All gestures seem innocent enough to perform themselves, unaware that their audience lives only in the little space for inhales and exhales, pushed against the surgical fabric of the mask as thoughts ramp up to escape it. The many faces we make during conversation are simplified into one. Luckily, research shows two types of non-verbal communication available, and even enhanced, for masks-wearers: appearance and artefacts. Wearing your favourite band’s t-shirt means a lot more now than it did a year ago. The distance between our mask and us becomes larger as every other distance in the world widens too. We have been driven into introspection but the craving for conversations and self-expression is far from gone.

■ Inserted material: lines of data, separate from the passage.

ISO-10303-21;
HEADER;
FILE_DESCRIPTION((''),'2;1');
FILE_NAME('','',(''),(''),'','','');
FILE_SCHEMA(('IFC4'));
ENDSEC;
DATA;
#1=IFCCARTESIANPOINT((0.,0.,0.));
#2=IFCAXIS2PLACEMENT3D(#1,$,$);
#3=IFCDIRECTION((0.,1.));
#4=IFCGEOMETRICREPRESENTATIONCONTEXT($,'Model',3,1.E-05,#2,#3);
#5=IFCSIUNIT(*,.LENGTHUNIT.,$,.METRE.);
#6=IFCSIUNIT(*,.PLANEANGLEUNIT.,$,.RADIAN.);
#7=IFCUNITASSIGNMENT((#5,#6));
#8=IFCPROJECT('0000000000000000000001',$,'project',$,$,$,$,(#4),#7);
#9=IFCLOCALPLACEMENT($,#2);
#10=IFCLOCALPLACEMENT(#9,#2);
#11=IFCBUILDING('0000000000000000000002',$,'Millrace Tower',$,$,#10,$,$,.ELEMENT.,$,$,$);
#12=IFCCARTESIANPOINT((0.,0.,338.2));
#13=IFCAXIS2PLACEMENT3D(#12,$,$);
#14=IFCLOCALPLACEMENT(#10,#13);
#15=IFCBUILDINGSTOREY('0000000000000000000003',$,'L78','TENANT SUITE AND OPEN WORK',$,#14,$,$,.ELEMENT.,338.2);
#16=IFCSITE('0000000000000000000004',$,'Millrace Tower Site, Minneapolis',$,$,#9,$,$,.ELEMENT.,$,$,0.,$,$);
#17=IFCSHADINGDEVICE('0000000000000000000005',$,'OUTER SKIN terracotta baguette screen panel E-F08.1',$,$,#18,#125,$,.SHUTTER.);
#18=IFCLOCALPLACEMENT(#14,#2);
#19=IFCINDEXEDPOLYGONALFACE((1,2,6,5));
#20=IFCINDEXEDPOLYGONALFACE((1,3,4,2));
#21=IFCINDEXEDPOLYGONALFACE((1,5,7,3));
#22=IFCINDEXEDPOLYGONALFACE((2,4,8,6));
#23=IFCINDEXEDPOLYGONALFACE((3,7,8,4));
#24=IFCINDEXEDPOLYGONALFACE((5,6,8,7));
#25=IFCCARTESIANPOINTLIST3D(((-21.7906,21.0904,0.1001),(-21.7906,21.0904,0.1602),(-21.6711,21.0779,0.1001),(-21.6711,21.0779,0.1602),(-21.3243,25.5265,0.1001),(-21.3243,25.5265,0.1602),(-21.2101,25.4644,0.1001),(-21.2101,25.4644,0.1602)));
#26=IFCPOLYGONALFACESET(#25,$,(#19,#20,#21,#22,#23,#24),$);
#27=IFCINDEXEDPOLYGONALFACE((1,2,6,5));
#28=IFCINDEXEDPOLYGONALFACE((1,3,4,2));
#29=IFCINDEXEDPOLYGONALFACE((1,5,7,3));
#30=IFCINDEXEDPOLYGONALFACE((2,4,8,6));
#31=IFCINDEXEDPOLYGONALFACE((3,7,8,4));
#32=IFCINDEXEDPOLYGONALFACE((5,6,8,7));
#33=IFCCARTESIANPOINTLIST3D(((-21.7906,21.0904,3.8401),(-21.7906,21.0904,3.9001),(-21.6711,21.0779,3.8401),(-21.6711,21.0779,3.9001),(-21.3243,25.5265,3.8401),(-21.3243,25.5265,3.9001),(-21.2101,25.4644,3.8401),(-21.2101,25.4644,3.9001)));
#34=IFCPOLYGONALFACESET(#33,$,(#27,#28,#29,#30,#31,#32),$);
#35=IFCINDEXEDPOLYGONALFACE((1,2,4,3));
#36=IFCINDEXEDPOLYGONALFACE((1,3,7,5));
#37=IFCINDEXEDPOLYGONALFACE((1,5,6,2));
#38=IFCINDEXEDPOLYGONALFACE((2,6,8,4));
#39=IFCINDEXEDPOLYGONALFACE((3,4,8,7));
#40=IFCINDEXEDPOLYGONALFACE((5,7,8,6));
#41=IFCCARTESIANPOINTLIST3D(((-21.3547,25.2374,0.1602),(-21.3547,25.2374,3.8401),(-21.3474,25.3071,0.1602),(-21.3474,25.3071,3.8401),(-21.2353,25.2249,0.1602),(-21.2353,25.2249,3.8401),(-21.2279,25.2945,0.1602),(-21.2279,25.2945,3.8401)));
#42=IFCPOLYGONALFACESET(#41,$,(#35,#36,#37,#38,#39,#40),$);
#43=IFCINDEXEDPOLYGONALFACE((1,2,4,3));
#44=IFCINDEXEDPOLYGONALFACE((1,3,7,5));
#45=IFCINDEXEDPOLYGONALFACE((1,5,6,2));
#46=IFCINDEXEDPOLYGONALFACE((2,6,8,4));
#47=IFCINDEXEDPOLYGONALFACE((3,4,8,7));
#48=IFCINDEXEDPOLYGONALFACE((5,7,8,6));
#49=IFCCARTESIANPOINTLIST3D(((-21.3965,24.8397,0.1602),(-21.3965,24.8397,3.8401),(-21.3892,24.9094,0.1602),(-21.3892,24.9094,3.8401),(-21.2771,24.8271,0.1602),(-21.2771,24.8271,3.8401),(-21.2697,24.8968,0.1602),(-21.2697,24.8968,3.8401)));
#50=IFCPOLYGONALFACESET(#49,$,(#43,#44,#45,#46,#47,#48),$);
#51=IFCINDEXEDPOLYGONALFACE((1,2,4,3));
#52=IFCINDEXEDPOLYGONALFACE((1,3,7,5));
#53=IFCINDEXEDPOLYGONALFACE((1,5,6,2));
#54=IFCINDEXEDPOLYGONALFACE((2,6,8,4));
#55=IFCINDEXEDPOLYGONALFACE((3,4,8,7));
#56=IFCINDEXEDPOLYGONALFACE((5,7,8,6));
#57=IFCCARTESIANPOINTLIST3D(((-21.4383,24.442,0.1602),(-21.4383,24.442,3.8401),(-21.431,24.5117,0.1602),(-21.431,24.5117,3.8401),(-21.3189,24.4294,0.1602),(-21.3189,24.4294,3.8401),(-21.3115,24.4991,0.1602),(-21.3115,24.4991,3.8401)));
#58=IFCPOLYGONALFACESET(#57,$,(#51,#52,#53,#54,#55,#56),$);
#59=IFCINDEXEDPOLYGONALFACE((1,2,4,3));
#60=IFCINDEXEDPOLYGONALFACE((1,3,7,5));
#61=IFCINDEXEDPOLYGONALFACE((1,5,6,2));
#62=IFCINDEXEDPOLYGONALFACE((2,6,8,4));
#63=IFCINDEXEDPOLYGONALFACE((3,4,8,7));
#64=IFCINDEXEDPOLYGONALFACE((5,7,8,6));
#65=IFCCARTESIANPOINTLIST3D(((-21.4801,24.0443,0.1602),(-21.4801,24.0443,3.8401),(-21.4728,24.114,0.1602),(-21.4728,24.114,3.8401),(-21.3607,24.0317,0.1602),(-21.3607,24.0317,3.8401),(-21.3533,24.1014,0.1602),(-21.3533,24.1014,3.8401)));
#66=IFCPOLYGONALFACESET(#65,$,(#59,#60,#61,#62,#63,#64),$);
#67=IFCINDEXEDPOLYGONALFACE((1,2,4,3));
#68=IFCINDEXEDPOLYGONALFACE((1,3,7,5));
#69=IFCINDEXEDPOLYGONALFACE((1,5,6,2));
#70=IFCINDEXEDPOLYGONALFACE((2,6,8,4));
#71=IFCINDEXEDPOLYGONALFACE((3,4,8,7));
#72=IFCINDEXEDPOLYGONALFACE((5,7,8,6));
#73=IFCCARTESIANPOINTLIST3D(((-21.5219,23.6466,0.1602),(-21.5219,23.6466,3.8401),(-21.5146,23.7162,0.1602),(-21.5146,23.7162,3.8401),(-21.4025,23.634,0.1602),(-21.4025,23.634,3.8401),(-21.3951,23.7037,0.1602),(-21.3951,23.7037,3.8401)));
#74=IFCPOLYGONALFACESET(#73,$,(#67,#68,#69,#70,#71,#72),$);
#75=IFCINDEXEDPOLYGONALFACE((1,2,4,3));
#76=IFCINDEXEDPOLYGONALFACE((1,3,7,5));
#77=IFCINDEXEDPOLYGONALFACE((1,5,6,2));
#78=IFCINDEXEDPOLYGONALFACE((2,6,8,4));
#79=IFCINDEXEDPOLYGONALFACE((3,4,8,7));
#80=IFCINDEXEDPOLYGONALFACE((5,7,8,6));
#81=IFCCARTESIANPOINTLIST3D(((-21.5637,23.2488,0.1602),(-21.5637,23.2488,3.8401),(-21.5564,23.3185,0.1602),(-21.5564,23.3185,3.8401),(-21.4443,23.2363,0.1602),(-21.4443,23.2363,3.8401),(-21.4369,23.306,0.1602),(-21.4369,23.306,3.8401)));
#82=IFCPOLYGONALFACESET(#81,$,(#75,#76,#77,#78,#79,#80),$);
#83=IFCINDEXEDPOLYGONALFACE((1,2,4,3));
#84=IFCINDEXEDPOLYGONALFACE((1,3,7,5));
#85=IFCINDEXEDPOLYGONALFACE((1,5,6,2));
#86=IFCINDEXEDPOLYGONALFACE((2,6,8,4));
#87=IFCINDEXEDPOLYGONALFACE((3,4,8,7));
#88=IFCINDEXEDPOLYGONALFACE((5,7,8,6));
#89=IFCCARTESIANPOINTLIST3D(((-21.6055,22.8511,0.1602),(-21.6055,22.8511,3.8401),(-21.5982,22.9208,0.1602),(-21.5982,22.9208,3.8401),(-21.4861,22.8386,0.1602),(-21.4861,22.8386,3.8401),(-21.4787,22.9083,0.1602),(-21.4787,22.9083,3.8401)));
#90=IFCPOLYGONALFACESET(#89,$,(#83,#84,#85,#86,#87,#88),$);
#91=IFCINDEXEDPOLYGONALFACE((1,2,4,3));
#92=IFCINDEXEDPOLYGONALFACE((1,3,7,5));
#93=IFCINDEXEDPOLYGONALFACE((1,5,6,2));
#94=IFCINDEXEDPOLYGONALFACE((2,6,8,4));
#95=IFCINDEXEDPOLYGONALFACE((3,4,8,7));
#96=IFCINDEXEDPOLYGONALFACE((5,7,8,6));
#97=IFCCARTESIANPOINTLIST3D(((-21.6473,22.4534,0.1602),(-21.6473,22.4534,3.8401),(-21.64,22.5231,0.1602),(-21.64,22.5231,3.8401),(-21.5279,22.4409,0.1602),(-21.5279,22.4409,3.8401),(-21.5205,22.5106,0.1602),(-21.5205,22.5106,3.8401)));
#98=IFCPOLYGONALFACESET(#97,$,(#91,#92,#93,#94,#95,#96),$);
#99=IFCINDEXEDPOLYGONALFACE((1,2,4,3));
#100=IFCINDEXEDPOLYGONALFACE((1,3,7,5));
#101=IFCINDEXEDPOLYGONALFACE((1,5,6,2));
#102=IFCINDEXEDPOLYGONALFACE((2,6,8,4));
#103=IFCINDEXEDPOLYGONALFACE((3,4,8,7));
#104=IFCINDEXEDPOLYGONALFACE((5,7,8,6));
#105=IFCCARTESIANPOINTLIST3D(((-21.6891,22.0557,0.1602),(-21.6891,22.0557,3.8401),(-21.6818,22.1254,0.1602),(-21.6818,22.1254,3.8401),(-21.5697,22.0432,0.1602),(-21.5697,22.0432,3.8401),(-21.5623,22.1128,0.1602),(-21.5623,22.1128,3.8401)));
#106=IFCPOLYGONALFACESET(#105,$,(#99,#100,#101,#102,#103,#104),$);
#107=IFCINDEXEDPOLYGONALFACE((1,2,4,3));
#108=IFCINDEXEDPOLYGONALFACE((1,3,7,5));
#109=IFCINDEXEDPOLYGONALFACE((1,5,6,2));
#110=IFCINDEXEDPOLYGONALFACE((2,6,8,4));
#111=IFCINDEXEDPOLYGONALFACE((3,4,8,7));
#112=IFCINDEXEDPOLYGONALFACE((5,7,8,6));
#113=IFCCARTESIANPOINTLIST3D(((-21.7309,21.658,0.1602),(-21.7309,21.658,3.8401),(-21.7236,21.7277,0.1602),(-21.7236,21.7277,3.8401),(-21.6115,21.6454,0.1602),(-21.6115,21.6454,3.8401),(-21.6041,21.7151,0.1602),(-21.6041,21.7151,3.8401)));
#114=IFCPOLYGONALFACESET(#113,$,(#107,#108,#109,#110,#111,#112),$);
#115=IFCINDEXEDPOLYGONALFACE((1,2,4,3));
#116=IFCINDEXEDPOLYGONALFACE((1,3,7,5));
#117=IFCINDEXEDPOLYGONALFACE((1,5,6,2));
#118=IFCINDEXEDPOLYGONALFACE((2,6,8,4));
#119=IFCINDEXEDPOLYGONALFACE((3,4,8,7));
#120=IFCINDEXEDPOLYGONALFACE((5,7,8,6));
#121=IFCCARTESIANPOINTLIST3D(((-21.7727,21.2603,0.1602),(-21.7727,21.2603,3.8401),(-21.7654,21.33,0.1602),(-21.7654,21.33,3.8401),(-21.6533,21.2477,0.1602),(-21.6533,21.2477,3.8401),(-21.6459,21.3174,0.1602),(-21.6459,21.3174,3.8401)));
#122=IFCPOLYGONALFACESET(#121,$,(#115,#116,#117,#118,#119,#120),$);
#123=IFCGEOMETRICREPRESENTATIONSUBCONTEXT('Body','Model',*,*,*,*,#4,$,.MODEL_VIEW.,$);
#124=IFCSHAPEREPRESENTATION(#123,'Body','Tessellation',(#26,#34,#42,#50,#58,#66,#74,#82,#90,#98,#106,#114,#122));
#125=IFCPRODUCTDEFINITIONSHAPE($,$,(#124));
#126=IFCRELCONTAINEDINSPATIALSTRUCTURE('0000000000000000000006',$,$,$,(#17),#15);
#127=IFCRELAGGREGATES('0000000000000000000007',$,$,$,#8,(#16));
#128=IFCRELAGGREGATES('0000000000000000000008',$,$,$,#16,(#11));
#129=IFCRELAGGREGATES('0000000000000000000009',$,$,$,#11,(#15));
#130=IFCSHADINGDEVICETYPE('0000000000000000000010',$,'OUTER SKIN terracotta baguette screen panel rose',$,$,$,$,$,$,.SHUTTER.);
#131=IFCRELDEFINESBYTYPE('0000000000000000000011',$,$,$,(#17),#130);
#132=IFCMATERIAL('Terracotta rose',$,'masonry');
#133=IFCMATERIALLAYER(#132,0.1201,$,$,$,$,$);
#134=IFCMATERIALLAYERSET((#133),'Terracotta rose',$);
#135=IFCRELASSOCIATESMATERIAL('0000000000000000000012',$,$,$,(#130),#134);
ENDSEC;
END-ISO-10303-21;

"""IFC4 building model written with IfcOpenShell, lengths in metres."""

from ifc_helpers import new_model, entity, si_unit, direction, frame, frame_2d, origin, place, context, subcontext, project, spatial, rectangle, extrude, source, transform, mapped, material, layer, layer_set, type_object, element, save


model = new_model("IFC4")

# Units and contexts
model_context = context("Model", 3, precision=1e-05, world=origin(), true_north=direction((0.0, 1.0)))
body_context = subcontext(model_context, "Body", "Model", "MODEL_VIEW")
ifc_project = project(units=[si_unit("LENGTHUNIT", "METRE"), si_unit("PLANEANGLEUNIT", "RADIAN")], contexts=[model_context])

# Site, building, storey
site_placement = place(None, origin())
site = spatial("IfcSite", under=ifc_project, at=site_placement, Name="Millrace Tower Site, Minneapolis", CompositionType="ELEMENT", RefElevation=0.0)
building_placement = place(site_placement, origin())
building = spatial("IfcBuilding", under=site, at=building_placement, Name="Millrace Tower", CompositionType="ELEMENT")
storey_placement = place(building_placement, frame((0.0, 0.0, 338.2)))
storey = spatial("IfcBuildingStorey", under=building, at=storey_placement, Name="L78", Description="TENANT SUITE AND OPEN WORK", CompositionType="ELEMENT", Elevation=338.2)

# Shading device
ifc_material_1 = material(Name="Terracotta rose", Category="masonry")
ifc_layer_1 = layer(ifc_material_1, 0.1201)
ifc_layer_set_1 = layer_set([ifc_layer_1], Name="Terracotta rose")
shading_device_type = type_object("IfcShadingDeviceType", Name="OUTER SKIN terracotta baguette screen panel rose", PredefinedType="SHUTTER", material=ifc_layer_set_1)
cartesian_point_1 = entity("IfcCartesianPoint", [-2.1929, 0.0601])
shared_polyline_1 = entity("IfcPolyline", [cartesian_point_1, entity("IfcCartesianPoint", [2.2178, 0.0601]), entity("IfcCartesianPoint", [2.2178, -0.0601]), entity("IfcCartesianPoint", [-2.2427, -0.0601]), cartesian_point_1])
shared_shape_1 = source(origin(), body_context, "Body", "SweptSolid", [
    entity("IfcExtrudedAreaSolid", entity("IfcArbitraryClosedProfileDef", "AREA", None, shared_polyline_1), entity("IfcAxis2Placement3D", entity("IfcCartesianPoint", [0.0, 0.0, 0.0])), entity("IfcDirection", [0.0, 0.0, 1.0]), 0.0601),
    entity("IfcExtrudedAreaSolid", entity("IfcArbitraryClosedProfileDef", "AREA", None, shared_polyline_1), entity("IfcAxis2Placement3D", entity("IfcCartesianPoint", [0.0, 0.0, 3.74])), entity("IfcDirection", [0.0, 0.0, 1.0]), 0.0601),
    extrude(rectangle(XDim=0.0701, YDim=0.1201, at=frame_2d((-1.9871, 0.0))), frame((0.0, 0.0, 0.0601)), (0.0, 0.0, 1.0), 3.6799),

A blouse speaks a thousand words
To differentiate ourselves, to fit in, or to tie ourselves to social, cultural and political ideas; since our usual interactions are impaired, we can use fashion to relate to each other. The mandatory alone time has made us, as consumers, look at our values and personality traits and we want to find brands that match them. Our pieces of clothing serve as evidence of the creative process (and its sustainable production). We are becoming more intentional buyers and so the fashion industry is taking note.
For example, Provenance -a pioneer on textile tracking- partnered with knitwear designer Martine Jarlgaard to give their customers a detailed trail back from the label on the garment to the alpaca farm where the wool was sourced. Globalization made exploring only about the outside. We see it in social media, in mental health, and fashion is not an exception.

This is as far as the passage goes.